The output of this is:

ldd /p/software/juwelsbooster/stages/2022/software/TensorFlow/2.6.0-gcccoremkl-11.2.0-2021.4.0-CUDA-11.5/lib/python3.9/site-packages/tensorflow/libtensorflow_framework.so.2
        linux-vdso.so.1 (0x00007fff56f58000)
        libdl.so.2 => /usr/lib64/libdl.so.2 (0x000014828c7d0000)
        libm.so.6 => /usr/lib64/libm.so.6 (0x000014828c44e000)
        libprotobuf.so.3.17.3.0 => /p/software/juwelsbooster/stages/2022/software/protobuf/3.17.3-GCCcore-11.2.0/lib/libprotobuf.so.3.17.3.0 (0x000014828c14c000)
        libsnappy.so.1 => /p/software/juwelsbooster/stages/2022/software/snappy/1.1.9-GCCcore-11.2.0/lib/libsnappy.so.1 (0x000014828deef000)
        libdouble-conversion.so.3 => /p/software/juwelsbooster/stages/2022/software/double-conversion/3.1.6-GCCcore-11.2.0/lib/libdouble-conversion.so.3 (0x000014828dedd000)
        libpthread.so.0 => /usr/lib64/libpthread.so.0 (0x000014828bf2c000)
        libgif.so.7 => /p/software/juwelsbooster/stages/2022/software/giflib/5.2.1-GCCcore-11.2.0/lib/libgif.so.7 (0x000014828ded3000)
        libjpeg.so.8 => /p/software/juwelsbooster/stages/2022/software/libjpeg-turbo/2.1.1-GCCcore-11.2.0/lib/libjpeg.so.8 (0x000014828de27000)
        libz.so.1 => /p/software/juwelsbooster/stages/2022/software/zlib/1.2.11-GCCcore-11.2.0/lib/libz.so.1 (0x000014828de0c000)
        libstdc++.so.6 => /p/software/juwelsbooster/stages/2022/software/GCCcore/11.2.0/lib64/libstdc++.so.6 (0x000014828bd00000)
        libgcc_s.so.1 => /p/software/juwelsbooster/stages/2022/software/GCCcore/11.2.0/lib64/libgcc_s.so.1 (0x000014828ddf2000)
        libc.so.6 => /usr/lib64/libc.so.6 (0x000014828b93b000)
        /lib64/ld-linux-x86-64.so.2 (0x000014828dce2000)

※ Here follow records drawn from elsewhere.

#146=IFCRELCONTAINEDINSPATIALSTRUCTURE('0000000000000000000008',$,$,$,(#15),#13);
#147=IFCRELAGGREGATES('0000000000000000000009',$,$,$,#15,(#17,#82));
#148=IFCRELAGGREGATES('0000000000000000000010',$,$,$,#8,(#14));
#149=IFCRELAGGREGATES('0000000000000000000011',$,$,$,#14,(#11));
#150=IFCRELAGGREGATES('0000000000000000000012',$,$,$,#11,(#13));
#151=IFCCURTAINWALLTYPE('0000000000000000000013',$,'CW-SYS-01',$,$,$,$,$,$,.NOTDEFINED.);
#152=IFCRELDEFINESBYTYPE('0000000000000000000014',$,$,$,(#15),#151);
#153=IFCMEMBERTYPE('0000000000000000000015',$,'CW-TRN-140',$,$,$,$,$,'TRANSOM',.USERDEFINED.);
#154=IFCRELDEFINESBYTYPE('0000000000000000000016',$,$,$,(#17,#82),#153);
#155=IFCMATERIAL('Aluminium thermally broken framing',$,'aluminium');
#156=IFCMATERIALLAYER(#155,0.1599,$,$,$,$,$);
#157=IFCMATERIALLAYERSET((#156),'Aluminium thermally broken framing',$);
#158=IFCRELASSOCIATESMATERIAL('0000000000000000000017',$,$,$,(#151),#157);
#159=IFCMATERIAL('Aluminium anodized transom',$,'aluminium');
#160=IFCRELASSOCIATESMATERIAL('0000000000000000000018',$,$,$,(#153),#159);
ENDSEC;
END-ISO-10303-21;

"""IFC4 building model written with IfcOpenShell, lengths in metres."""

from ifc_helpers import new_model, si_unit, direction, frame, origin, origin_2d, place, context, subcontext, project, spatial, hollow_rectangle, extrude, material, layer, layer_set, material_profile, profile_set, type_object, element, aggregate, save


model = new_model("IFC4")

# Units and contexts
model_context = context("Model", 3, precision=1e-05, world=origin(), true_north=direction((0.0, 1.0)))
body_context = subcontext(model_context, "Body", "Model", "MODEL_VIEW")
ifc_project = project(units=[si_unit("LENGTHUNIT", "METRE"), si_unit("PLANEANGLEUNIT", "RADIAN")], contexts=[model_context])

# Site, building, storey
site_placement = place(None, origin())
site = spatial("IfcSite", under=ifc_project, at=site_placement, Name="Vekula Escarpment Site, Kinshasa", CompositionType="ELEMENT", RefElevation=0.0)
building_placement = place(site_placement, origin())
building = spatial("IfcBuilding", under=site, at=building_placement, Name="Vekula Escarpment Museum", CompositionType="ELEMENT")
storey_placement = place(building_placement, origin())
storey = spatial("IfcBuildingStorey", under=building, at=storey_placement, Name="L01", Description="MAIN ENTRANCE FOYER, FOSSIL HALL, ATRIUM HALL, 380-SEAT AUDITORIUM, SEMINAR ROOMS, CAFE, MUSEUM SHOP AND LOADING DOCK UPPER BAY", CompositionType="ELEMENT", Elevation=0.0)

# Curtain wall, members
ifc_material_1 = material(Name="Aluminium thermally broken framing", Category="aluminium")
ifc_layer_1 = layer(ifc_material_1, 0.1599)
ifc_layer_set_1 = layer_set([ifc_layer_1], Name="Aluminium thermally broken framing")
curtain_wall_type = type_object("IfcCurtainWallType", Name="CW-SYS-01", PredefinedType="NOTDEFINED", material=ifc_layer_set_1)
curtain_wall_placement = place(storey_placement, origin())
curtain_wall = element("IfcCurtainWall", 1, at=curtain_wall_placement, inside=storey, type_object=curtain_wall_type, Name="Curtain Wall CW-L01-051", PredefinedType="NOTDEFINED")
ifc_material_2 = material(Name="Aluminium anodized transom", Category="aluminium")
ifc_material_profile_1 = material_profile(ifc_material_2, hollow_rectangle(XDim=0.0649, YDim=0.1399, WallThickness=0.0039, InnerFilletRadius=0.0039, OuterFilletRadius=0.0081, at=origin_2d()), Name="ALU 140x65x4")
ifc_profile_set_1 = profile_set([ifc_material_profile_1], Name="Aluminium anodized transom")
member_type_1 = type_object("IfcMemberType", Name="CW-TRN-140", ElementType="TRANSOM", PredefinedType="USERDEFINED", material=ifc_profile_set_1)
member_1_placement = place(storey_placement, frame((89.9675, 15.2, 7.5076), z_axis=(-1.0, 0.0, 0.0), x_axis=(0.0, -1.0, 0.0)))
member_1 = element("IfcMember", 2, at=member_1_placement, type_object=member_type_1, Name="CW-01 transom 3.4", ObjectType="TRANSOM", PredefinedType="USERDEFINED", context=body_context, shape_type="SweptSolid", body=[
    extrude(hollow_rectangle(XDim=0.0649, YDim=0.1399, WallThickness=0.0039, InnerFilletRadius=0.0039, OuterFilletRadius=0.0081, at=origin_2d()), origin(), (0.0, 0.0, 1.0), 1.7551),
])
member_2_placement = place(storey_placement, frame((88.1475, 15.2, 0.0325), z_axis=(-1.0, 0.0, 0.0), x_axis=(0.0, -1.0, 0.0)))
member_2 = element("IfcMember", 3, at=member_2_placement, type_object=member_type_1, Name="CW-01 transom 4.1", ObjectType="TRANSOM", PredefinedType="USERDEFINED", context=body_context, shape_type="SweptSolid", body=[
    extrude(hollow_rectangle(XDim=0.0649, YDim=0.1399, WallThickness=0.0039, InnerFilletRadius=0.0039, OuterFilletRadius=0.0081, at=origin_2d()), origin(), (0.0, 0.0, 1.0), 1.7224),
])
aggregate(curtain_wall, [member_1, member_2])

what is the correct procedure then? Do I need to specify TENSORFLOW_ROOT to the protobuf directory?

romankempt avatar Oct 06 '22 09:10 romankempt

Yes.

njzjz avatar Oct 06 '22 18:10 njzjz

The cmake module needs to find it automatically - let me consider how to implement it.

njzjz avatar Oct 06 '22 18:10 njzjz

The cmake module needs to find it automatically - let me consider how to implement it.

Please check if #1975 works to you.

njzjz avatar Oct 06 '22 21:10 njzjz

Thank you for responding so quickly! The current devel branch raises the following error:

  -- Found CUDA: /p/software/juwelsbooster/stages/2022/software/CUDA/11.5 (found version "11.5")
  -- Found CUDA in /p/software/juwelsbooster/stages/2022/software/CUDA/11.5, build nv GPU support
  -- Will not build AMD GPU support
  -- Disabled cpp interface build, looking for tensorflow_framework
  -- protoTensorFlow_INCLUDE_DIRS_GOOGLE-NOTFOUND
  -- Protobuf headers are not found in the directory of TensorFlow, assuming external protobuf was used to build TensorFlow
  CMake Warning (dev) at cmake/Findtensorflow.cmake:157 (file):
    You have used file(GET_RUNTIME_DEPENDENCIES) in project mode.  This is
    probably not what you intended to do.  Instead, please consider using it in
    an install(CODE) or install(SCRIPT) command.  For example:

      install(CODE [[
        file(GET_RUNTIME_DEPENDENCIES
          # ...
          )
        ]])
  Call Stack (most recent call first):
    CMakeLists.txt:95 (find_package)
  This warning is for project developers.  Use -Wno-dev to suppress it.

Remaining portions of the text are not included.